Nous avons fui les plateaux télés et les micros des radios, esquivé les question des journalistes qui parlent peu au pays réel pour réserver notre fin d’année à ce trip.

Nous avons rencontré des populations dignes , braves, ingénieuses et entreprenantes face à une présence étatique de piètre qualité, qui n’a pas bougé depuis notre première tournée en 2014. À l’époque, nous avions fait l’axe Dakar-Kédougou-Saraya-Goudomp-Dakar.

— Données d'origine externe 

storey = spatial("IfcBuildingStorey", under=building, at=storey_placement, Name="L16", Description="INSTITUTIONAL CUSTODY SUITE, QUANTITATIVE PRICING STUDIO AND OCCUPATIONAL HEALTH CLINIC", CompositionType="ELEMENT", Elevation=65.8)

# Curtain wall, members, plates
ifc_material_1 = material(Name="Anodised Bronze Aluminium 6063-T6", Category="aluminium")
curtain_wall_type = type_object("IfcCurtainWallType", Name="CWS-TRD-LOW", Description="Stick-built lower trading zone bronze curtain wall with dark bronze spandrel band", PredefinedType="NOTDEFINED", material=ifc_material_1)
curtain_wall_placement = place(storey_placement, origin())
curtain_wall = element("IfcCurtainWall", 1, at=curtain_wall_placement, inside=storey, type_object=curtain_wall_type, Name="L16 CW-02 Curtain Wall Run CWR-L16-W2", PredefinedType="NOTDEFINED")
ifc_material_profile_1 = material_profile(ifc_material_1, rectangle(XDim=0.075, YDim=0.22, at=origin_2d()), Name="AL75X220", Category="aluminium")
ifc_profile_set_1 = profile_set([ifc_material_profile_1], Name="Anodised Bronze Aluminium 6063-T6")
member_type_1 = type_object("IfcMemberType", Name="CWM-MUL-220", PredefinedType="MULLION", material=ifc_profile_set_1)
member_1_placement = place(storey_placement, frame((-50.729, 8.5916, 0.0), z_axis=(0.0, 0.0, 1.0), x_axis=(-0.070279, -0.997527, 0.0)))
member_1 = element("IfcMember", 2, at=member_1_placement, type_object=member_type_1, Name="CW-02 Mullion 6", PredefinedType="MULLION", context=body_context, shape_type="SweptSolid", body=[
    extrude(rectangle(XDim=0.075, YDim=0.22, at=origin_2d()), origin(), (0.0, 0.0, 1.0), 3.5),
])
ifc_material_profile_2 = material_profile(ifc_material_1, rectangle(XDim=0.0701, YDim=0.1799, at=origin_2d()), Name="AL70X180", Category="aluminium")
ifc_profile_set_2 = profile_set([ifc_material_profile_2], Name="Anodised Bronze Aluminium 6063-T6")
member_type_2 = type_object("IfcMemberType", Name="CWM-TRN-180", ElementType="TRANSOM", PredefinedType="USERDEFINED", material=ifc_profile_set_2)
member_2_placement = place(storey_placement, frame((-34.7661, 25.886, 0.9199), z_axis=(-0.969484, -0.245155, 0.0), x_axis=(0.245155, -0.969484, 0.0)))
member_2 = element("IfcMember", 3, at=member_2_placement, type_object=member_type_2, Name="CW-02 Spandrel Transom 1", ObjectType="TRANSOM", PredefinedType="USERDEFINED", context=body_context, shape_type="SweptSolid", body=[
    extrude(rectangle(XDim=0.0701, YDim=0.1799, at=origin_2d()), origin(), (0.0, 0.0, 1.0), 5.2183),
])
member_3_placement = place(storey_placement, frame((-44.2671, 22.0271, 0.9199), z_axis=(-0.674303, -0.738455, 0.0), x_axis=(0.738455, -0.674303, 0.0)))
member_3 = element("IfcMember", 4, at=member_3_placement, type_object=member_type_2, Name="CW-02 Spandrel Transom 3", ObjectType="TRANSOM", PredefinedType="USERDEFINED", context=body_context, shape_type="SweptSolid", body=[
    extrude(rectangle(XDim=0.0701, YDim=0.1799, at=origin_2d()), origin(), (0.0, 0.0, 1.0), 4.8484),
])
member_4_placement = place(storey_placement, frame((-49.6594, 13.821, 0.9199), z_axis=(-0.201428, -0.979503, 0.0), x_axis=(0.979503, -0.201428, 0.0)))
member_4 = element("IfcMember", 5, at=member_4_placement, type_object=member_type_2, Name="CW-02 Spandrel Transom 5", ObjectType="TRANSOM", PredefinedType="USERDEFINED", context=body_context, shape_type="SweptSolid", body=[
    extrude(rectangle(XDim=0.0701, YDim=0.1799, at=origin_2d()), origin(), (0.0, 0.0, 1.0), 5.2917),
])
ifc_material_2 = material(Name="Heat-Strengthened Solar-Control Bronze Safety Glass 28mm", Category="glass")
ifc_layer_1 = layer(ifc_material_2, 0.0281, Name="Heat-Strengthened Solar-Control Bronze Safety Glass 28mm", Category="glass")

Comme dans le Nord du pays, que nous avons visité récemment, nous n’avons vu que des infrastructures socio économiques de base moribondes ( des routes chaotiques , des écoles et des centres de santé inexistants ou inachevés ) dans l’une des zones les plus riches et des plus fertiles du pays.
Une réalité de terrain qui s’oppose aux chiffres que nous serinent à longueur de journée les tenants du pouvoir, par presse interposée et souvent inféodée.
Lorsque sur le chemin du retour, du haut du Bateau Aline Sitoe Diatta, je regardais l’étendue des eaux et de la verdure qui escortaient notre vaisseau , je ne pouvais m’empêcher de dire à mon voisin que le salut du Sénégal réside dans l’érection immédiate de la région de Ziguinchor comme deuxième capitale du Sénégal avec une vocation économique affirmée.

Puisque le médium qui nous sert de canal d’expression ne peut contenir toute notre amertume, résistant mal à notre espoir de vivre sous peu dans une casamance locomotive du développement national, on ne peut dire en résumé, sans risque de décevoir notre lecteur, que l’année 2019, à l’instar de ses prédécesseures, n’a pas permis de mettre un terme à ce hiatus, qui fait honteusement de notre pays une terre immensément riche mais qui a la malchance d’être menée par la pire élite politique en Afrique ; une des plus renégate et incompétente de nos jours.

Ce voyage, comme ceux que j’ai eu à faire depuis 2010 dans d’autres contrées du Sénégal, me conforte dans l’idée que le combat pour l’autonomie populaire et la souveraineté nationale est le seul viable et le plus légitime que doit mener et gagner notre génération.

C’est possible et nous le ferons…

P.S Nous renouvelons nos encouragements et notre soutien total au frère Guy Marius Sagna et ses codétenus, injustement détenus en prison.

Aldiouma Sow
Sn élections de Pastef
PASTEF SOMONE.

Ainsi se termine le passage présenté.